K. Gitter - DIGIT London
kurt.gitter@digit-tumour-detection.co.uk
+44 7393 53 00 44


Automated reliable
2D/3D Computer Vision for Tumour Detection
from CT/MRI scans

 Medical applications

Software, components, research and consulting for 2D/3D Computer Vision for reliable, automated tumour detection from CT/MRI scans.


The main goal lies in partnerships and alliances for certification and deployment to fight cancer and improve health for - yes - everybody.



 Present and future

Latest achieved accuracy for detecting tumours is 99.++ % {*}

This certainly does not come easy and is the result of implemented novel components and innovative 2D/3D models.

Patents are being generated.












{*} ROC-AUC for both target-organ and tumours

 Confidence for the future

This confusion-matrix allows to be confident for the future.














Currently only three classes are taken into account. Classes such as malign, benign and their sub-classes will be available soon

Summary from LinkedIn

I am very excited to announce my new position as CEO and Principal Engineer in my own new company.
As such, my implemented automated tumour detection (for livers) has achieved an accuracy of 99.7% (ROC AUC).

Such an achievement does not come easy.
(*) One could say that this is because of special hardware. Well, not at all, an "ordinary" GPU with 48 GB is fine and will do the trick.
(Still, results are generated nearly in real time within less than a minute max including saving, report, statistics etc.)

(*) One could say that this is because of the used network and approach. Well, yes - an already award winning approach (not me) has been considerably refined.

(*) One could say that this is because of data and the number of samples -
bingo, this is it.
I have invented and successfully applied a method of how to multiply given (annotated) samples (CT or MRI) by a factor of appr. 40 to 60.
Mathematically sound and safe.
For example, your AI-package will not only train on 100 samples but then on 4000 to 6000 samples. This makes a huge difference and significantly improves accuracy.

Other innovative methods are applied within the process of the data-generator in order to fight/prevent overfitting.

Tumour-detection will always be based on highly unbalanced datasets.
There is something - also mathematically - better than a commonly used Dice-coefficient.
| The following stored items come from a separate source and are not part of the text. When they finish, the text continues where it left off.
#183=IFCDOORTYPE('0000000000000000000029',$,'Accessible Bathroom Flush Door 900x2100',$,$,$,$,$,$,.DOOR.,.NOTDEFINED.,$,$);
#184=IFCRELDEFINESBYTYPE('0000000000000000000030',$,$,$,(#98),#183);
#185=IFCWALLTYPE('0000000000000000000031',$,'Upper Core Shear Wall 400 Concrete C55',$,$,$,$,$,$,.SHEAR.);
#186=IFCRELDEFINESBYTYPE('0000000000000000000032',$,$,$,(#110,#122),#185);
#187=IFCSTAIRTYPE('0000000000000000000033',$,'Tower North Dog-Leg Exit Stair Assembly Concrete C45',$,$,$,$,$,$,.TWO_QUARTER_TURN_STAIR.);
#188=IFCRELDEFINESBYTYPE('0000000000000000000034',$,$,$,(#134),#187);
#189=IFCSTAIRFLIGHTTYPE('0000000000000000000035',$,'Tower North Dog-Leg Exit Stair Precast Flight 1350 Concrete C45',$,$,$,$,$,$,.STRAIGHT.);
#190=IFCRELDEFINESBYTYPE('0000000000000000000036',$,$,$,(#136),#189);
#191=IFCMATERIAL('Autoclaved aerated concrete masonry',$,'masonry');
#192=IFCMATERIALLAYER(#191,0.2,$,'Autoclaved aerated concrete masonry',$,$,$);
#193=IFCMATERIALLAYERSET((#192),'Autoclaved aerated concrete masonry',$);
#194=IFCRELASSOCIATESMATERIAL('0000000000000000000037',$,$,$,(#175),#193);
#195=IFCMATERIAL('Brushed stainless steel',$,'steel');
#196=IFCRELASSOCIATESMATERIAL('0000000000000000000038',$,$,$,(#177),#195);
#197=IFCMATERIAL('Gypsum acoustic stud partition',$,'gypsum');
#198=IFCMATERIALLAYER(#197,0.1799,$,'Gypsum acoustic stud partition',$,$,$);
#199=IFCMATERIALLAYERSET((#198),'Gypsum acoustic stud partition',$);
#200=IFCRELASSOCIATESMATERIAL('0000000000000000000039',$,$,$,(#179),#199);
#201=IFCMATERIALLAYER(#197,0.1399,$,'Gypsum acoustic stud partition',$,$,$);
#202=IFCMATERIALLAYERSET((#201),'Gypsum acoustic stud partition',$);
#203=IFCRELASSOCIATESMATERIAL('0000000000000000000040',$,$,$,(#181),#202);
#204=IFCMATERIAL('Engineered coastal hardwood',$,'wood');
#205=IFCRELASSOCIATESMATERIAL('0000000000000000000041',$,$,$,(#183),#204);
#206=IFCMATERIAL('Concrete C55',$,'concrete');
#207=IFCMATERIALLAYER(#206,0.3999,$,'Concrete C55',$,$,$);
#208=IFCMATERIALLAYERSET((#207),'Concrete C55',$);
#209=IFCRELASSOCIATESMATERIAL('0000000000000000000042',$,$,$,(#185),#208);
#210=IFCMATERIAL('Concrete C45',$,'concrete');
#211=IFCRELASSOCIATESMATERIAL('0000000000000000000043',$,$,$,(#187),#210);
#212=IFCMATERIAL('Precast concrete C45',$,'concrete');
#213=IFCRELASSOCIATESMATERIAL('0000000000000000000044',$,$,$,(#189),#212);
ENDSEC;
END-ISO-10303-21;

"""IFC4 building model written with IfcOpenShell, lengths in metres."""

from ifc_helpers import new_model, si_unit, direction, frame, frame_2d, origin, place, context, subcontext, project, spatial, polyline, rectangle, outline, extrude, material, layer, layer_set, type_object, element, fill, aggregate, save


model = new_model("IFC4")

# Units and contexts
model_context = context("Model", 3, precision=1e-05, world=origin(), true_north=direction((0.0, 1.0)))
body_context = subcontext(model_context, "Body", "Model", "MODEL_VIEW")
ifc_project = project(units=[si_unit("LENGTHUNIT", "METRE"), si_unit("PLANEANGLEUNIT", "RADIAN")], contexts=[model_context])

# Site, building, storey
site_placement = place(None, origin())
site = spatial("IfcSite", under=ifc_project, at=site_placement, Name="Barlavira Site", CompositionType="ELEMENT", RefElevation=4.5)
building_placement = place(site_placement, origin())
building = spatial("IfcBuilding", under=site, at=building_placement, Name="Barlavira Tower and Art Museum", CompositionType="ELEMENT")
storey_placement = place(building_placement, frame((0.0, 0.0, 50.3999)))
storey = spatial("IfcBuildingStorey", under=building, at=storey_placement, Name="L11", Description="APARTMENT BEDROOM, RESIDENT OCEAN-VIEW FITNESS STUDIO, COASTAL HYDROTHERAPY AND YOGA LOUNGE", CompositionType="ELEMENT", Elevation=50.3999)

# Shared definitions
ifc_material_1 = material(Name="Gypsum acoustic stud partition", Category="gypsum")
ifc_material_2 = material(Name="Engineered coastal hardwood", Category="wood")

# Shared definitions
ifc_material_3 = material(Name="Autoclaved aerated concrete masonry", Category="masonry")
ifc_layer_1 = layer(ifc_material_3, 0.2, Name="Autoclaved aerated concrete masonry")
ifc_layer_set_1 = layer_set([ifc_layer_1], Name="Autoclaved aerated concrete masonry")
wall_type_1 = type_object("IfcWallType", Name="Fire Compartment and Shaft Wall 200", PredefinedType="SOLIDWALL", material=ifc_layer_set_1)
The current tumour-detection for livers will be extended to multi-class detection with benign, malign - and yes - also metastatic anomalies.
Also detecting metastases is a big step towards an accepted clinical application. {Regards livers there is no "defined" classification system such as Gleason-grades for prostate}.

Apart from highest expertise in 2D/3D-Computer Vision for biomedical - or industrial - applications I would be happy to contribute to your success with components mentioned above - or software/algorithms/methods in general for Computer Vision, Artificial Intelligence or Optimization for Industrial Applications.

Looking forward to hearing from you.


PS: Interestingly enough 2D/3D Computer Vision for Autonomous Driving helped a lot for innovative solutions for 2D/3D tumour-detection...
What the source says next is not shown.